JESUS BECAME ONE OF US
Opening Prayer
As I read your Word, Lord God, help me to understand and apply to my life today what you teach me.
Read HEBREWS 2:10–18
For additional translations of the passage, use this link to Bible Gateway.
10 In bringing many sons and daughters to glory, it was fitting that God, for whom and through whom everything exists, should make the pioneer of their salvation perfect through what he suffered. 11 Both the one who makes people holy and those who are made holy are of the same family. So Jesus is not ashamed to call them brothers and sisters.[a] 12 He says,
“I will declare your name to my brothers and sisters;
in the assembly I will sing your praises.”[b]
13 And again,
“I will put my trust in him.”[c]
And again he says,
“Here am I, and the children God has given me.”[d]
14 Since the children have flesh and blood, he too shared in their humanity so that by his death he might break the power of him who holds the power of death—that is, the devil— 15 and free those who all their lives were held in slavery by their fear of death. 16 For surely it is not angels he helps, but Abraham’s descendants. 17 For this reason he had to be made like them,[e] fully human in every way, in order that he might become a merciful and faithful high priest in service to God, and that he might make atonement for the sins of the people. 18 Because he himself suffered when he was tempted, he is able to help those who are being tempted.
Footnotes
- Hebrews 2:11 The Greek word for brothers and sisters (adelphoi) refers here to believers, both men and women, as part of God’s family; also in verse 12; and in 3:1, 12; 10:19; 13:22.
- Hebrews 2:12 Psalm 22:22
- Hebrews 2:13 Isaiah 8:17
- Hebrews 2:13 Isaiah 8:18
- Hebrews 2:17 Or like his brothers
New International Version (NIV)Holy Bible, New International Version®, NIV® Copyright ©1973, 1978, 1984, 2011 by Biblica, Inc.® Used by permission. All rights reserved worldwide.
Meditate
Open your ears to hear God’s voice in the Scriptures today.
Think Further
Verse 16 contains the last reference to angels in these first two chapters: ‘For surely it is not angels he helps, but Abraham’s descendants’ (v. 16). They explain why Jesus had to become fully human. God planned to bring many sons and daughters to glory through Jesus, the pioneer of our salvation – the one who blazed the trail for us and is now crowned with glory and honor. To do that, he needed to identify with those sons and daughters in every way, including their suffering. This identification was so close that he refers to them as his brothers and sisters. Since Jesus came to redeem his brothers and sisters rather than the angels, he didn’t become an angel: he became one of us.

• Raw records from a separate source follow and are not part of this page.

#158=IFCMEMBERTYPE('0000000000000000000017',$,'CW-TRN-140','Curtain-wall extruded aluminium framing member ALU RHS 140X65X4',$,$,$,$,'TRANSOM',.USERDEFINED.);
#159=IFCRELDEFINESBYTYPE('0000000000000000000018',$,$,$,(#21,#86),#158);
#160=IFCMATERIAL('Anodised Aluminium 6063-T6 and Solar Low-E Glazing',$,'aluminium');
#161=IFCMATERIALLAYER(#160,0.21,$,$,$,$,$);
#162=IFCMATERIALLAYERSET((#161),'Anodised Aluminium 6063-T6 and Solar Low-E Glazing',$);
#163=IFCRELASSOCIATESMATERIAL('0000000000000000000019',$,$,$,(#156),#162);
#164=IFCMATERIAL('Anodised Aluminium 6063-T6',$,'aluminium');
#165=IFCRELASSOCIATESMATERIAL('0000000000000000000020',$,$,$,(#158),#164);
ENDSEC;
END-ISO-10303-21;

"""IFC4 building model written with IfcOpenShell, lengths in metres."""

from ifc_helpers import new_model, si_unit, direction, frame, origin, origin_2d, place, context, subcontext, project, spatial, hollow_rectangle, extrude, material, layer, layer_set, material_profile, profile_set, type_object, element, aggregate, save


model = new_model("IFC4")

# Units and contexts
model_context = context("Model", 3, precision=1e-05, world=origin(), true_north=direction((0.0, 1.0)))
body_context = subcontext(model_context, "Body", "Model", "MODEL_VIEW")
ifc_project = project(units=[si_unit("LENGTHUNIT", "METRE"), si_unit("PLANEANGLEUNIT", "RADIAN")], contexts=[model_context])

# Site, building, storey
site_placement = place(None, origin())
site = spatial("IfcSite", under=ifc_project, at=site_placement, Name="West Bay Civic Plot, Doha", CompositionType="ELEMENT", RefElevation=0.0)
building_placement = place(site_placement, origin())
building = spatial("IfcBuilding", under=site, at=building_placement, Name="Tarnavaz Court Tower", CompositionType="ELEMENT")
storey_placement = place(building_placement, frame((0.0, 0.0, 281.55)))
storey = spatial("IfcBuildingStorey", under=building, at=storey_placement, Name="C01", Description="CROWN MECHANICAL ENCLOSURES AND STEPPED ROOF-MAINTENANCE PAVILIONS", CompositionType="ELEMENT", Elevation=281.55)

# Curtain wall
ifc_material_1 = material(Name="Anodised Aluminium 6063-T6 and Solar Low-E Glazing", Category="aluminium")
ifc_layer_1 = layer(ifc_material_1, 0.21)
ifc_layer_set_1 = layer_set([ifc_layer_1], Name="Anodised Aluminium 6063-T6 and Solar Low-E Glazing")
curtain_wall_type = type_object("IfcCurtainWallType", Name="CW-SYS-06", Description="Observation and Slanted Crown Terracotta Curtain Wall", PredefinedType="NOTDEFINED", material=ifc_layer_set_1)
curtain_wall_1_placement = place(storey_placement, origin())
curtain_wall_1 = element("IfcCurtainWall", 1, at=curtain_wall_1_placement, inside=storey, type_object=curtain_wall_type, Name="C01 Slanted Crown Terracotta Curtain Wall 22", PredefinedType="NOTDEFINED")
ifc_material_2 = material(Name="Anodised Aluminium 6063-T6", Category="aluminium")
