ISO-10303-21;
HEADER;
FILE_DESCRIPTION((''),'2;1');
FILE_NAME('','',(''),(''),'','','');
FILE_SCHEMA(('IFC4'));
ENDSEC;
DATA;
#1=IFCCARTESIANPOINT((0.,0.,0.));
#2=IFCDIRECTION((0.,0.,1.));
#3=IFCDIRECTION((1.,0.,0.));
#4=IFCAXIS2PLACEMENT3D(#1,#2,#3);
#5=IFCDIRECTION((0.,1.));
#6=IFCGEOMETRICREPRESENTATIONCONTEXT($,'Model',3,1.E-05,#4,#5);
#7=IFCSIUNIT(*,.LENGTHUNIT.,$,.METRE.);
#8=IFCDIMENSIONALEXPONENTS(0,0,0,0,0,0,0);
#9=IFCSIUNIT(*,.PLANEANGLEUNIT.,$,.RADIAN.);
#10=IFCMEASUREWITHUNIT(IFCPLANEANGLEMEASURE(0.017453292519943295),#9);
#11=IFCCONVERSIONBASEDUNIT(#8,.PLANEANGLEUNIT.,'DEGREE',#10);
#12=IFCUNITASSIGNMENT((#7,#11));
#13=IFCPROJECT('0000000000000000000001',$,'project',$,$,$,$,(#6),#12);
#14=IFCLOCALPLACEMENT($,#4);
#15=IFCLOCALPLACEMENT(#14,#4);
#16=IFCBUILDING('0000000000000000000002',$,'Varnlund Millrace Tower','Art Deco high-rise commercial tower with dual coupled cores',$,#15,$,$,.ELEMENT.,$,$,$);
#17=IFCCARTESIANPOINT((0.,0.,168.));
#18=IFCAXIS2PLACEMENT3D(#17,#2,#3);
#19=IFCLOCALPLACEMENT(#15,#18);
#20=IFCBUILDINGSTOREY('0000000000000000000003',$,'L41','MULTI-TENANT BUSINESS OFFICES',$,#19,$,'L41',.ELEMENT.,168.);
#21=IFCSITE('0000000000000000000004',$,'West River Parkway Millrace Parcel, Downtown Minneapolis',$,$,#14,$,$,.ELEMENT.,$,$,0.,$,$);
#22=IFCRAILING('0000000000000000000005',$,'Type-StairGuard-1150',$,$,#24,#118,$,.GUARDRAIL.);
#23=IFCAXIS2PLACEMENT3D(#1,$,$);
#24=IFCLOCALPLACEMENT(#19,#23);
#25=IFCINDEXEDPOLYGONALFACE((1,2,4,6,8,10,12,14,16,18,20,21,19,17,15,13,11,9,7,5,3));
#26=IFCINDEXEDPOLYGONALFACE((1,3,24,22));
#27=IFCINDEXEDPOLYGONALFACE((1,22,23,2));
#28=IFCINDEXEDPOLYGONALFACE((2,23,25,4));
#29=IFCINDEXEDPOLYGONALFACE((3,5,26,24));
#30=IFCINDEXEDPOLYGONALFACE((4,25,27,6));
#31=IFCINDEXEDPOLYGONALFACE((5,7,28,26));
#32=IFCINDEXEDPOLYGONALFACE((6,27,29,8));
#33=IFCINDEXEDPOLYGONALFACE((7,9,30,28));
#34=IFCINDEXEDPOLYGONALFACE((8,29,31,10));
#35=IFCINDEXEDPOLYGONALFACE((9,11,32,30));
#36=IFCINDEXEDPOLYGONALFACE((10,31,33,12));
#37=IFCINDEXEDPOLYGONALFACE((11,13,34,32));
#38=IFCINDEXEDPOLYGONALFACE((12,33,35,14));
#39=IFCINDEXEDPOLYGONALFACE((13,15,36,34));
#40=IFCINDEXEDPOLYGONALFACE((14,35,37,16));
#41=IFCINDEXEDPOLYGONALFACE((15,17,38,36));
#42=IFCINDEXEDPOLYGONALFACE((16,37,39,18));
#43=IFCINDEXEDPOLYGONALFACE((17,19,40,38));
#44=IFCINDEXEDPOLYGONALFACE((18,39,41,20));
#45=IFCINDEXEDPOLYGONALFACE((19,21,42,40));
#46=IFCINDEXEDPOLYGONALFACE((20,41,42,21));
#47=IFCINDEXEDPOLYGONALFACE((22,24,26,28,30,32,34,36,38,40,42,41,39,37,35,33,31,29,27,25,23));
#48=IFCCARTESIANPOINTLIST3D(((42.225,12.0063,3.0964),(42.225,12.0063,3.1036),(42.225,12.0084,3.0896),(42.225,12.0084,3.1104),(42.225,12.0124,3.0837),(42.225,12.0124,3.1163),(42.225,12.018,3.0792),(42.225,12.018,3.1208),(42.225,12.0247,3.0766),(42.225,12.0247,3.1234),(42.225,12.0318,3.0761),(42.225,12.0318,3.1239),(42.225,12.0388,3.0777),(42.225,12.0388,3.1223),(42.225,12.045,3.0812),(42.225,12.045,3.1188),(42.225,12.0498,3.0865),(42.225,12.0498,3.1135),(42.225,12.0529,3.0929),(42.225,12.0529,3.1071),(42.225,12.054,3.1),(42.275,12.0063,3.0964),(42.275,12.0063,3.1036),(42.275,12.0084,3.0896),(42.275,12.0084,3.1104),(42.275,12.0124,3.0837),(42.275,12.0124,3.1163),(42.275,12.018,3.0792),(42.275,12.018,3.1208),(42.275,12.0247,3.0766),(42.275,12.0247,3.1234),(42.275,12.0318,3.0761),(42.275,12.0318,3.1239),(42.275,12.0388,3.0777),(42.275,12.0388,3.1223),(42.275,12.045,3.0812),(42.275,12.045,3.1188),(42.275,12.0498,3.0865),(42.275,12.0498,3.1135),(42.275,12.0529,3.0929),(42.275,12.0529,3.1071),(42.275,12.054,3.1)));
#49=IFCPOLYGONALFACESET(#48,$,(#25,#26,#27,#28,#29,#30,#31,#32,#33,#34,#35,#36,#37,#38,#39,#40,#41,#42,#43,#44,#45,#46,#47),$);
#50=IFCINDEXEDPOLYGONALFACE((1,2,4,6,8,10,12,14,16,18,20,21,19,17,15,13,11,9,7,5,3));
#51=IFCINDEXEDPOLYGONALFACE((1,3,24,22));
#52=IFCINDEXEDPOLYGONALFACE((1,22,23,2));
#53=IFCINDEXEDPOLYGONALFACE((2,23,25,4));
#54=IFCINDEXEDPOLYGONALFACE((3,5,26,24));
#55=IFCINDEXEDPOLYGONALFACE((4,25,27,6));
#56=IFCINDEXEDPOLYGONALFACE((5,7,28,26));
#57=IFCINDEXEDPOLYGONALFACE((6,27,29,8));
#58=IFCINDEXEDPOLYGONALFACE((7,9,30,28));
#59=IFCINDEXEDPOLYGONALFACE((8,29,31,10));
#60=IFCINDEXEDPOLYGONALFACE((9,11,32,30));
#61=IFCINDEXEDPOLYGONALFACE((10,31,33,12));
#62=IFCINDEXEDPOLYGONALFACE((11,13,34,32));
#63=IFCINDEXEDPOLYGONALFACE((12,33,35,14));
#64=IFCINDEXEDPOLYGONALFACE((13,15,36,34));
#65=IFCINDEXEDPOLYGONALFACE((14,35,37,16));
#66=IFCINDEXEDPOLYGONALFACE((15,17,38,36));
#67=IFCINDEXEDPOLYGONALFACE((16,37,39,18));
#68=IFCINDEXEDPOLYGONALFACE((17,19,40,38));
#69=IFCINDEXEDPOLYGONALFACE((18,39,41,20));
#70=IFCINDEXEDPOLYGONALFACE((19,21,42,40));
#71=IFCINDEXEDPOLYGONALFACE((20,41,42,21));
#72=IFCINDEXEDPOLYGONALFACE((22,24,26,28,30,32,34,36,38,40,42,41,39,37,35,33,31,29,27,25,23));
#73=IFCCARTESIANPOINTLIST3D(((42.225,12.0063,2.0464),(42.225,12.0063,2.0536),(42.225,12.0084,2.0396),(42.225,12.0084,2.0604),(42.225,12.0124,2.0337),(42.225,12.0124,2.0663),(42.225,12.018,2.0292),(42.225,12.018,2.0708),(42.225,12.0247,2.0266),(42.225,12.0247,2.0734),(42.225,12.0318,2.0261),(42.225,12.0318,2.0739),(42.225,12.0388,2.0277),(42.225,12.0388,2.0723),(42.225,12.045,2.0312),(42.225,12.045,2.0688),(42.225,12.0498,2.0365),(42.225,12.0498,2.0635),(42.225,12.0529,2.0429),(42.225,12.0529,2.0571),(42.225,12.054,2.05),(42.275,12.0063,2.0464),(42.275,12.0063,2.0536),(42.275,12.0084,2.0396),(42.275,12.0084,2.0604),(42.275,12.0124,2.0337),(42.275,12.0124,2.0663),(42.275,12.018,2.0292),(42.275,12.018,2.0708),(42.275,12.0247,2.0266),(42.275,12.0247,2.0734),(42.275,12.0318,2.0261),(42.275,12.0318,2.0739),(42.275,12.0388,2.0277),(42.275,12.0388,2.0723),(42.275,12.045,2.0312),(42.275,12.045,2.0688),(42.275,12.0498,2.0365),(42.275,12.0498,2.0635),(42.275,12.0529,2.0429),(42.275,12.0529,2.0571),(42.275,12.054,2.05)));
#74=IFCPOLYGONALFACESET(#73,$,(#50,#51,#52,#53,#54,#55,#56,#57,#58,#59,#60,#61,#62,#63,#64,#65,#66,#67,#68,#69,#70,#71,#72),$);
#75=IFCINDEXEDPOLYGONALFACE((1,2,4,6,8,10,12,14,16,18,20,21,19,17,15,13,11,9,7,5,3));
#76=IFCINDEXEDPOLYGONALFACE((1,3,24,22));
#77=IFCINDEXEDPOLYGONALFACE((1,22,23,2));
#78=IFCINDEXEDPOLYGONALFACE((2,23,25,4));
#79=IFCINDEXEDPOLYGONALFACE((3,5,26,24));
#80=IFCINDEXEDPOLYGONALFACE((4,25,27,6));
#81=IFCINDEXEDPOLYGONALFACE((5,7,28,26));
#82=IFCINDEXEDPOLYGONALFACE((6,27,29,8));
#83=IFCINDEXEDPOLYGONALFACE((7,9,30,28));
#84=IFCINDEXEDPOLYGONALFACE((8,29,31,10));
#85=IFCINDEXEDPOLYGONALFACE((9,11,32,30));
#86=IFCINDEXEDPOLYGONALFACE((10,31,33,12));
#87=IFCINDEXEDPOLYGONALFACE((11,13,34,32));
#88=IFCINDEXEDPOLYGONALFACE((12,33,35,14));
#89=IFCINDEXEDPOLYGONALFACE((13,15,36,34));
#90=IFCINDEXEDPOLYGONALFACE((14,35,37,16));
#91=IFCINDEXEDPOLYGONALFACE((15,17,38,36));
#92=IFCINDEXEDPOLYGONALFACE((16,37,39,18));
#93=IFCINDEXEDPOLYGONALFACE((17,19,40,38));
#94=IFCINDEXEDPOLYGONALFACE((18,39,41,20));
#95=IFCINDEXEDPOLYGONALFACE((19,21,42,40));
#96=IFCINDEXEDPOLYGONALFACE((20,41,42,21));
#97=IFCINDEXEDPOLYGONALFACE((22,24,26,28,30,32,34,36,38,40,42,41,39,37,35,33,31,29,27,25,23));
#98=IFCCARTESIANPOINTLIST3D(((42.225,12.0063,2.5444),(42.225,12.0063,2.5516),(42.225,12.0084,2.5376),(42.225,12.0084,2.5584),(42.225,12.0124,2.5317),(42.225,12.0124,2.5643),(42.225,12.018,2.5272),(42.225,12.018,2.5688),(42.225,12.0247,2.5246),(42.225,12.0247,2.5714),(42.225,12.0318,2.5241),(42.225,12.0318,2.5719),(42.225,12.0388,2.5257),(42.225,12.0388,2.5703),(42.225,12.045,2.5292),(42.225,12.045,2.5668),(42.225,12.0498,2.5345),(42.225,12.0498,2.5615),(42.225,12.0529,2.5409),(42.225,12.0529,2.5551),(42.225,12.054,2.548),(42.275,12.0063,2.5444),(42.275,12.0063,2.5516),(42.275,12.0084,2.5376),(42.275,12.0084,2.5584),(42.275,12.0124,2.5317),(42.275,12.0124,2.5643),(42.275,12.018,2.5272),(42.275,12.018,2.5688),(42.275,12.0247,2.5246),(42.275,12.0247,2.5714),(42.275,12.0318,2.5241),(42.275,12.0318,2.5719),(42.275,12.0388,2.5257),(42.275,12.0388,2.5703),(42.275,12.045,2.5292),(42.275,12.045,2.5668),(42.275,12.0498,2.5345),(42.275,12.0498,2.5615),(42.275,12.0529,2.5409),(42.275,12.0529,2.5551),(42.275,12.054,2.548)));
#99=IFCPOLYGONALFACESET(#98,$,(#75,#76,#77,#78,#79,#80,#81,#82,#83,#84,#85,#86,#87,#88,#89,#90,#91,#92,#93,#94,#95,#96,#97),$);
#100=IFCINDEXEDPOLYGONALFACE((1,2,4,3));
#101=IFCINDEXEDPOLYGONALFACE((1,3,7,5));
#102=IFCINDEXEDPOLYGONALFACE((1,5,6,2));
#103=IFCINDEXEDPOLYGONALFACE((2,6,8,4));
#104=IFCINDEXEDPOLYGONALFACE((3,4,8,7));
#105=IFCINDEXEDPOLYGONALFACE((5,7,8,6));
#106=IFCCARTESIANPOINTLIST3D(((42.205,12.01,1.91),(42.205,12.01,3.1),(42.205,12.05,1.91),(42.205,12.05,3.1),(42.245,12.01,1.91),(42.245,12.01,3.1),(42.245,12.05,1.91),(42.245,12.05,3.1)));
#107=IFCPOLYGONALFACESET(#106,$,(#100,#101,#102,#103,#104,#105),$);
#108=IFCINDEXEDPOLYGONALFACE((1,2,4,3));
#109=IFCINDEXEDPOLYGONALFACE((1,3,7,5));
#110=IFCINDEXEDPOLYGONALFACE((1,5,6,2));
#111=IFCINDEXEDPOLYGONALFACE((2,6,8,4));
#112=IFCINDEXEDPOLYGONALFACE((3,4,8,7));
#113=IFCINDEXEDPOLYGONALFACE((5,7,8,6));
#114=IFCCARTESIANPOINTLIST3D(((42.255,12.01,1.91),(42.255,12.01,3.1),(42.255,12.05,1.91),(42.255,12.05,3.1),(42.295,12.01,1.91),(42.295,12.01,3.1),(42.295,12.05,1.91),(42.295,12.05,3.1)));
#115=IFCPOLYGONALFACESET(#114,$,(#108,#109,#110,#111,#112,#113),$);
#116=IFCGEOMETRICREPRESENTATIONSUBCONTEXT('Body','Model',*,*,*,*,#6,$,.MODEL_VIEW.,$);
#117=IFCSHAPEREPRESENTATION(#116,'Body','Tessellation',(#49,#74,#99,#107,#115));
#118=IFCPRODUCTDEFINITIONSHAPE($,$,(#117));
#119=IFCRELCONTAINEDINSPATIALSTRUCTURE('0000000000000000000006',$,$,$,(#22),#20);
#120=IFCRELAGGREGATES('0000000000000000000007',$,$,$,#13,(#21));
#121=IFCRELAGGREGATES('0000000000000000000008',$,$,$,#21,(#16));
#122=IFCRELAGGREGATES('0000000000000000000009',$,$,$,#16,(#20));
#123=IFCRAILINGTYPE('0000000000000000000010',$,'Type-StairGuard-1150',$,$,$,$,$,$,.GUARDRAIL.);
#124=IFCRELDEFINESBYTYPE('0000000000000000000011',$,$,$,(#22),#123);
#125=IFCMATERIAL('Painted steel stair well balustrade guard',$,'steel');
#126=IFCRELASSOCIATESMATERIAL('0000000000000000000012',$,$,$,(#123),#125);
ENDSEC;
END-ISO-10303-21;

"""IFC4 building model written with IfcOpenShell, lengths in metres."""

from ifc_helpers import new_model, entity, si_unit, converted_unit, direction, frame, origin_with_axes, origin_2d_with_axis, place, context, subcontext, project, spatial, rectangle, circle, extrude, material, type_object, element, save


model = new_model("IFC4")

# Units and contexts
model_context = context("Model", 3, precision=1e-05, world=origin_with_axes(), true_north=direction((0.0, 1.0)))
body_context = subcontext(model_context, "Body", "Model", "MODEL_VIEW")
ifc_project = project(units=[si_unit("LENGTHUNIT", "METRE"), converted_unit("PLANEANGLEUNIT", "DEGREE", entity("IfcPlaneAngleMeasure", 0.017453292519943295), si_unit("PLANEANGLEUNIT", "RADIAN"), dimensions=[0, 0, 0, 0, 0, 0, 0])], contexts=[model_context])

# Site, building, storey
site_placement = place(None, origin_with_axes())
site = spatial("IfcSite", under=ifc_project, at=site_placement, Name="West River Parkway Millrace Parcel, Downtown Minneapolis", CompositionType="ELEMENT", RefElevation=0.0)
building_placement = place(site_placement, origin_with_axes())
building = spatial("IfcBuilding", under=site, at=building_placement, Name="Varnlund Millrace Tower", Description="Art Deco high-rise commercial tower with dual coupled cores", CompositionType="ELEMENT")
storey_placement = place(building_placement, frame((0.0, 0.0, 168.0), z_axis=(0.0, 0.0, 1.0), x_axis=(1.0, 0.0, 0.0)))
storey = spatial("IfcBuildingStorey", under=building, at=storey_placement, Name="L41", Description="MULTI-TENANT BUSINESS OFFICES", LongName="L41", CompositionType="ELEMENT", Elevation=168.0)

He did this so that he could become a ‘merciful and faithful high priest in service to God’ (v. 17). Aside from a hint in Hebrews 1:3 about Jesus making atonement for sins, this is the first explicit reference to the theme that will occupy the writer in chapters 5–10: Jesus is our Great High Priest. As Alexander Nairne wrote over a hundred years ago, it was as though the author was saying, ‘Think of him as a priest and I can make you understand.’1
The writer draws two implications here about Jesus, the merciful and faithful High Priest. He was faithful to God in the past when he offered himself as a sacrifice of atonement to deal with our sins, and he is merciful to us now in his ongoing ministry before God. Since he was tempted as we are and suffered in that temptation, he can help us when we are tempted. These two aspects of the work of Jesus will be gradually unpacked as the letter proceeds.
Apply
References to suffering imply that the readers were enduring suffering and were tempted to give up. Pray today for those who suffer hardship for Jesus, wherever they are.
Closing prayer
Lord Jesus, thank you for your care for those who follow you. For those suffering for your sake, I ask for courage. Continue to remind them of your compassion and faithfulness.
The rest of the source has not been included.